EuroDjangoCon Presentations - samueladam
http://eurodjangocon.pbworks.com/Presentations
======
jbox
Good conference - Too heavy on scalability.

Best slides from the bunch IMHO:

James Tauber's Django Patterns - an in depth overview of common patterns found
throughout a Django Project:

[http://eldarion.com/talks/2009/05/eurodjangocon_djangopatter...](http://eldarion.com/talks/2009/05/eurodjangocon_djangopatterns.pdf)

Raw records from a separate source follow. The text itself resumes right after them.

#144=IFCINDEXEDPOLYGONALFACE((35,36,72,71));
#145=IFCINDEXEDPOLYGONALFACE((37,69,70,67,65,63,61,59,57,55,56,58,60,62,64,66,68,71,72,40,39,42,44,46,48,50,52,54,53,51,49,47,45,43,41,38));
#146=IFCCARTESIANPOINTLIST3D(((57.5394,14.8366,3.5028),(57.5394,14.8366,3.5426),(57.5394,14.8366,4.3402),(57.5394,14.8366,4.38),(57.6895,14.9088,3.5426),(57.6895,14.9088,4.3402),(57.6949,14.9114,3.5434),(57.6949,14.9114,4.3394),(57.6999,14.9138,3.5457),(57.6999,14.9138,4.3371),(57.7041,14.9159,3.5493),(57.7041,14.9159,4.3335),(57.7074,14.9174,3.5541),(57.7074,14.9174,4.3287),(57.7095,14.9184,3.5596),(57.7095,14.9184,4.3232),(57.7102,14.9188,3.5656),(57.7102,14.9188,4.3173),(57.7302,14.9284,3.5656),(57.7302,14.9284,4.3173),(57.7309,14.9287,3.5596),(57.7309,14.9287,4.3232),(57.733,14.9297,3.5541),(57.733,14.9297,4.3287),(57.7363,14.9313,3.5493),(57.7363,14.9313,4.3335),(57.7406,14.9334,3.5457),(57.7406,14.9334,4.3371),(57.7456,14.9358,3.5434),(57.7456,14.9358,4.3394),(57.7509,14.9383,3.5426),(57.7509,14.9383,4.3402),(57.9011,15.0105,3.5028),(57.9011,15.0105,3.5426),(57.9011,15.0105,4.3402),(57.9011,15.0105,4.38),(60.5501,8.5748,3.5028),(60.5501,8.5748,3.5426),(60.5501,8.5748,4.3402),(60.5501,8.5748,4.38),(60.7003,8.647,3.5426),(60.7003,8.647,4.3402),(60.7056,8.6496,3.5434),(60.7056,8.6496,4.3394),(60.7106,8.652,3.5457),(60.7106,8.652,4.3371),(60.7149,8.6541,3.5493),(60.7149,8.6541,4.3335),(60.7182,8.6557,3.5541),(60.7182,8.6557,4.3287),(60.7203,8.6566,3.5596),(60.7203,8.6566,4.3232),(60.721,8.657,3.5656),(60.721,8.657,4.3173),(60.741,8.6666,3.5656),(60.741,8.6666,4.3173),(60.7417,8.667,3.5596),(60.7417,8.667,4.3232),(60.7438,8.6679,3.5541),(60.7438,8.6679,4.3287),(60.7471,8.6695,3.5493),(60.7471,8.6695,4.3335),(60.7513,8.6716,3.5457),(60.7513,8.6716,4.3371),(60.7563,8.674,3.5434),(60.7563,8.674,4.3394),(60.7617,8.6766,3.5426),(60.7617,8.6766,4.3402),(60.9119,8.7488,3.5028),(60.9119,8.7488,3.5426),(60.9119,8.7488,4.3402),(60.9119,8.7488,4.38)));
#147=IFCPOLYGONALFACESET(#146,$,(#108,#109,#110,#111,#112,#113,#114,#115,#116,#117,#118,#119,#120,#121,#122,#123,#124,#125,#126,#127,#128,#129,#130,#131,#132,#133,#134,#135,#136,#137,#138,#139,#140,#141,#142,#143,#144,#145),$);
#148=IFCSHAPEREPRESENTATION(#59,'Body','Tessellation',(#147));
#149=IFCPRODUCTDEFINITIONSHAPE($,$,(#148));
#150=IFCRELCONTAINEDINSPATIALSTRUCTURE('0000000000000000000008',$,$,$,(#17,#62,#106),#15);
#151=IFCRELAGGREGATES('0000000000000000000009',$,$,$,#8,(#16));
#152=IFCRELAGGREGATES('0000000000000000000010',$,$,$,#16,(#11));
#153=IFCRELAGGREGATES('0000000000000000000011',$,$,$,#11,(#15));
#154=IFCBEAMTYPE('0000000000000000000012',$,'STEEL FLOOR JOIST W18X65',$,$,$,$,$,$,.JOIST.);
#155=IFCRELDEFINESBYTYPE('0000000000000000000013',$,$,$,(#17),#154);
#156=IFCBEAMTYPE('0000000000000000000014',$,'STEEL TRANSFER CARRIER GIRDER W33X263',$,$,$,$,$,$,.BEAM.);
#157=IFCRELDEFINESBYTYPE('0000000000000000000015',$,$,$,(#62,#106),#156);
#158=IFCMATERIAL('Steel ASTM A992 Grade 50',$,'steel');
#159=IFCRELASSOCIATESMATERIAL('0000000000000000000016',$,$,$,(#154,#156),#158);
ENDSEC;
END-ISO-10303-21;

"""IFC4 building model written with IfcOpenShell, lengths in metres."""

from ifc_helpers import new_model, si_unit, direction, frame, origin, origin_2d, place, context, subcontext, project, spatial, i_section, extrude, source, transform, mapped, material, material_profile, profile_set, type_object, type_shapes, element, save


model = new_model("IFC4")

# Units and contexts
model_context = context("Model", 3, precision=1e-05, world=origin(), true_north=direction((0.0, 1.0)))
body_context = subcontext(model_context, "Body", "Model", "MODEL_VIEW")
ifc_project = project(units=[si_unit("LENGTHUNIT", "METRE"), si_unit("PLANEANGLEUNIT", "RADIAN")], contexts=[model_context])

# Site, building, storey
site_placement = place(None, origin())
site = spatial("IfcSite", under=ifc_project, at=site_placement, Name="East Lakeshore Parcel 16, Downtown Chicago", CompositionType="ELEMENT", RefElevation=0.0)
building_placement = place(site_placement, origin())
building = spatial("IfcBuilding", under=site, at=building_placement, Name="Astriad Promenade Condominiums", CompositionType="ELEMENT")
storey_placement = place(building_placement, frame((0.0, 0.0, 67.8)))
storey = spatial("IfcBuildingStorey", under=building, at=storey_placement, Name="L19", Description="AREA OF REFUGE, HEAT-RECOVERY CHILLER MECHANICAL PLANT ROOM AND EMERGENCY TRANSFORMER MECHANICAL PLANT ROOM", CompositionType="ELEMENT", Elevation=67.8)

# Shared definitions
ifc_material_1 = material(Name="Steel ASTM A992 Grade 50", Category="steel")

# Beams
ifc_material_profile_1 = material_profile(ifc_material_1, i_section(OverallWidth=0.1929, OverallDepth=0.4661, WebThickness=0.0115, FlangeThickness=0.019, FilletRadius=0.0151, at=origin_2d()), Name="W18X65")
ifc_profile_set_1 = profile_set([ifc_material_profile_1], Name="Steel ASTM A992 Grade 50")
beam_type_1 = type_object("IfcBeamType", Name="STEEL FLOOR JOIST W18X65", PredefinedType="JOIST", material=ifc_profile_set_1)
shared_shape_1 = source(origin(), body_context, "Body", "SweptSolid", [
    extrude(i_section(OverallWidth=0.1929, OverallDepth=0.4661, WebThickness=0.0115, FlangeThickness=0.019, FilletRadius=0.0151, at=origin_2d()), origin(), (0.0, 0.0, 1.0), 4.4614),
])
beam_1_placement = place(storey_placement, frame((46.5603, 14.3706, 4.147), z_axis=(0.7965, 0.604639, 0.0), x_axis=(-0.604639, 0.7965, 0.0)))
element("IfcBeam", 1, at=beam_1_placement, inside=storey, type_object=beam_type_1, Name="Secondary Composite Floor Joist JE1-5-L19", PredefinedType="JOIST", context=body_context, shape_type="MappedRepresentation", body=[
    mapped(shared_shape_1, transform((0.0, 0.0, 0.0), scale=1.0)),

Alex Gaynor's Form's presentation included many interesting ideas including a
few 'ohhhh' moments using some functional hotness to get things done fast:

[http://www.slideshare.net/kingkilr/forms-getting-your-
moneys...](http://www.slideshare.net/kingkilr/forms-getting-your-moneys-worth)

Paul Smith's talk on the EveryBlock stack dives into map tile generation and
rendering using Django.

[http://www.slideshare.net/pauladamsmith/the-web-map-stack-
on...](http://www.slideshare.net/pauladamsmith/the-web-map-stack-on-django)

Simon Willison's talk was excellent though you might not get as much out of
the slides. Turtles all the way down!

<http://www.slideshare.net/simon/django-heresies>

------
zain
Are there going to be videos of these presentations?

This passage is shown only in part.